Recent research has begun to shed light on the genetics behind polycystic ovary syndrome (PCOS), paving the way for potential new therapies.

PCOS affects up to 20% of women, leading to disrupted ovarian function characterized by at least two of the following: irregular or absent periods, elevated male hormones like testosterone, and the accumulation of immature eggs within cyst-like ovaries. Consequently, it can result in fertility challenges.

While the exact causes remain unclear, PCOS is believed to correlate with changes in the gut microbiome and hormonal imbalances during prenatal development. The condition also appears to have a hereditary component, with studies indicating that 70% of the risk is genetic. However, researchers have only pinpointed about 25 genetic mutations impacting sex hormone production and ovarian function, explaining roughly 10% of an individual’s risk.

To address this knowledge gap, Qiao Shigang and colleagues at Shandong University in Jinan, China, conducted a genomic study involving over 440,000 women from China and Europe, out of which 25,000 were diagnosed with PCOS, marking the largest gene analysis related to the condition to date.

The researchers discovered 94 genetic variants that appear to contribute to PCOS risk, with 73 being previously unrecognized. Notably, one mutation affects the gene responsible for the mitochondrial ribosomal protein S22, essential for mitochondrial function, an area that Zhao points out has connections in earlier studies discussing the link between PCOS and mitochondrial dysfunction.

Another newly identified variant impacts sex hormone-binding globulin, a protein that moderates the activity of sex hormones and is often found at reduced levels in women with PCOS.

Several of the remaining variants influence the function of granulosa cells in the ovaries, responsible for producing estrogen and progesterone and aiding in egg development during the menstrual cycle. This supports the hypothesis that PCOS is genetically influenced by fluctuations in sex hormone levels, according to Zhao.

In summary, the research indicated that these 94 mutations account for around 27% of the risk variation in PCOS among European participants and about 34% in the Chinese cohort.

“This study is significant because it enhances our understanding of the genetic factors associated with this condition,” remarks Elisabeth Stenner-Victorin from Karolinska Institutet, Sweden. Furthermore, it underscores the necessity of including diverse ancestral backgrounds in PCOS genetic research, according to Zhao.

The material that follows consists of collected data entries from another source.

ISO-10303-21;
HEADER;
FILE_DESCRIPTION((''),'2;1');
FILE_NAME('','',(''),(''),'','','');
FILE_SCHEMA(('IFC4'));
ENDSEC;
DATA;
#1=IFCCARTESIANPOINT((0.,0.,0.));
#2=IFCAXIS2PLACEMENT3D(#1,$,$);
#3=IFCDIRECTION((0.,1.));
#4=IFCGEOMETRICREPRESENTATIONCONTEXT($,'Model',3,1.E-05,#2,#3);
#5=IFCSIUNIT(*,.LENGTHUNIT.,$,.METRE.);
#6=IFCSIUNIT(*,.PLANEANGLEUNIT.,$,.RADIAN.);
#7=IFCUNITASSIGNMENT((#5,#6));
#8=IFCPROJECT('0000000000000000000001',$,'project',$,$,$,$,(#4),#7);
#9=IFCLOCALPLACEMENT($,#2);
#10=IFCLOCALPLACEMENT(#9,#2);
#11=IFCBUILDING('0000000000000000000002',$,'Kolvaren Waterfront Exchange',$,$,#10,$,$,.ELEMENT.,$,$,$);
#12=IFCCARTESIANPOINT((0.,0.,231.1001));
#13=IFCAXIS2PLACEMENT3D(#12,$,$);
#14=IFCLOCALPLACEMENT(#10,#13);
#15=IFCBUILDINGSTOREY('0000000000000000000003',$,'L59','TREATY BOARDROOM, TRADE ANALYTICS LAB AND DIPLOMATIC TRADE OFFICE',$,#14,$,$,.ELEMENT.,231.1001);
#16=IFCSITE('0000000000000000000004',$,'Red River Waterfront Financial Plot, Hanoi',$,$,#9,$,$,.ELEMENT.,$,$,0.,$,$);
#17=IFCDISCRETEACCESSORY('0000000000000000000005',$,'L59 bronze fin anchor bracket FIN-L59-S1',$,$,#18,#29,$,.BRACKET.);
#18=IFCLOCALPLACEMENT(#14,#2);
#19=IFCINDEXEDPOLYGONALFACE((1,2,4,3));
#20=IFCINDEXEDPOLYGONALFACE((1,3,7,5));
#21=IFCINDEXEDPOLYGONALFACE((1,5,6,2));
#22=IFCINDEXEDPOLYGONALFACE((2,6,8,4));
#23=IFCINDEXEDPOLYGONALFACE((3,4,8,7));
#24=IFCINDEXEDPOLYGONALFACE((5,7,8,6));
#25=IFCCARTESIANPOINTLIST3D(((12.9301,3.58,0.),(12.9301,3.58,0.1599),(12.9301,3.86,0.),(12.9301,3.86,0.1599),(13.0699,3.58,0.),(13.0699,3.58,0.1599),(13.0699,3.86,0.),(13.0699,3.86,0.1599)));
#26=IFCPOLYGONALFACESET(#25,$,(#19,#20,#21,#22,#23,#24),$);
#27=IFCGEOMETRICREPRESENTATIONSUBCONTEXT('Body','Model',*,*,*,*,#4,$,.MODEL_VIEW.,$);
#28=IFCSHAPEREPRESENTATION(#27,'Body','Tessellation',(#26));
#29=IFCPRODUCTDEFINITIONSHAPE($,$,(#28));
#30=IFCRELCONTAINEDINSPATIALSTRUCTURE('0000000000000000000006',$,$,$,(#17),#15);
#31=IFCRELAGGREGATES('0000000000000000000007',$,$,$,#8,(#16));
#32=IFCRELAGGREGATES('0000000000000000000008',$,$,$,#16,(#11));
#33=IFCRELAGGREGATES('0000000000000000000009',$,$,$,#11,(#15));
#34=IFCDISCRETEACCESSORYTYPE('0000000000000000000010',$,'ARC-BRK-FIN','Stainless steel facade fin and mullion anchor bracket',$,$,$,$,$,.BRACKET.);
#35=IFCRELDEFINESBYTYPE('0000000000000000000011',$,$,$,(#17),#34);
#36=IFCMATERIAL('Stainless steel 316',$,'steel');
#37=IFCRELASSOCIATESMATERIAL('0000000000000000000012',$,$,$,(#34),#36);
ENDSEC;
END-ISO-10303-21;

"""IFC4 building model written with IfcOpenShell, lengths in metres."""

from ifc_helpers import new_model, si_unit, direction, frame, origin, origin_with_axes, origin_2d, place, context, subcontext, project, spatial, rectangle, extrude, source, transform, mapped, material, type_object, element, save


model = new_model("IFC4")

# Units and contexts
model_context = context("Model", 3, precision=1e-05, world=origin(), true_north=direction((0.0, 1.0)))
body_context = subcontext(model_context, "Body", "Model", "MODEL_VIEW")
ifc_project = project(units=[si_unit("LENGTHUNIT", "METRE"), si_unit("PLANEANGLEUNIT", "RADIAN")], contexts=[model_context])

# Site, building, storey
site_placement = place(None, origin())
site = spatial("IfcSite", under=ifc_project, at=site_placement, Name="Red River Waterfront Financial Plot, Hanoi", CompositionType="ELEMENT", RefElevation=0.0)
building_placement = place(site_placement, origin())
building = spatial("IfcBuilding", under=site, at=building_placement, Name="Kolvaren Waterfront Exchange", CompositionType="ELEMENT")
storey_placement = place(building_placement, frame((0.0, 0.0, 231.1001)))
storey = spatial("IfcBuildingStorey", under=building, at=storey_placement, Name="L59", Description="TREATY BOARDROOM, TRADE ANALYTICS LAB AND DIPLOMATIC TRADE OFFICE", CompositionType="ELEMENT", Elevation=231.1001)

# Discrete accessory
ifc_material_1 = material(Name="Stainless steel 316", Category="steel")
discrete_accessory_type = type_object("IfcDiscreteAccessoryType", Name="ARC-BRK-FIN", Description="Stainless steel facade fin and mullion anchor bracket", PredefinedType="BRACKET", material=ifc_material_1)
shared_shape_1 = source(origin_with_axes(), body_context, "Body", "SweptSolid", [
    extrude(rectangle(XDim=0.28, YDim=0.1399, at=origin_2d()), origin(), (0.0, 0.0, 1.0), 0.1599),
])
discrete_accessory_placement = place(storey_placement, frame((13.0, 3.72, 0.0), z_axis=(0.0, 0.0, 1.0), x_axis=(0.0, -1.0, 0.0)))
element("IfcDiscreteAccessory", 1, at=discrete_accessory_placement, inside=storey, type_object=discrete_accessory_type, Name="L59 bronze fin anchor bracket FIN-L59-S1", PredefinedType="BRACKET", context=body_context, shape_type="MappedRepresentation", body=[
    mapped(shared_shape_1, transform((0.0, 0.0, 0.0), x_axis=(1.0, 0.0, 0.0), y_axis=(0.0, 1.0, 0.0), z_axis=(0.0, 0.0, 1.0), scale=1.0)),
])

save(model, "model.ifc")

Ultimately, the team identified medications that could modify the pathways affected by the recognized mutations. Some of these, like clomiphene, are already used for PCOS treatment; they stimulate ovulation which is often hampered by the syndrome. Additionally, the team discovered that betaine—sometimes utilized for homocystinuria treatment—might also benefit PCOS patients. Future studies using mice exhibiting PCOS-like symptoms could explore this treatment potential.

“Current treatments focus on alleviating symptoms, as there aren’t any medications that can cure PCOS,” states Stenner-Victorin. Typical interventions include clomiphene, contraceptive pills to manage periods, and metformin, a type 2 diabetes medication that may enhance fertility. However, effectiveness varies among individuals. “Identifying genetic clusters that affect PCOS risk will be essential for developing more targeted treatment strategies for these women,” she adds.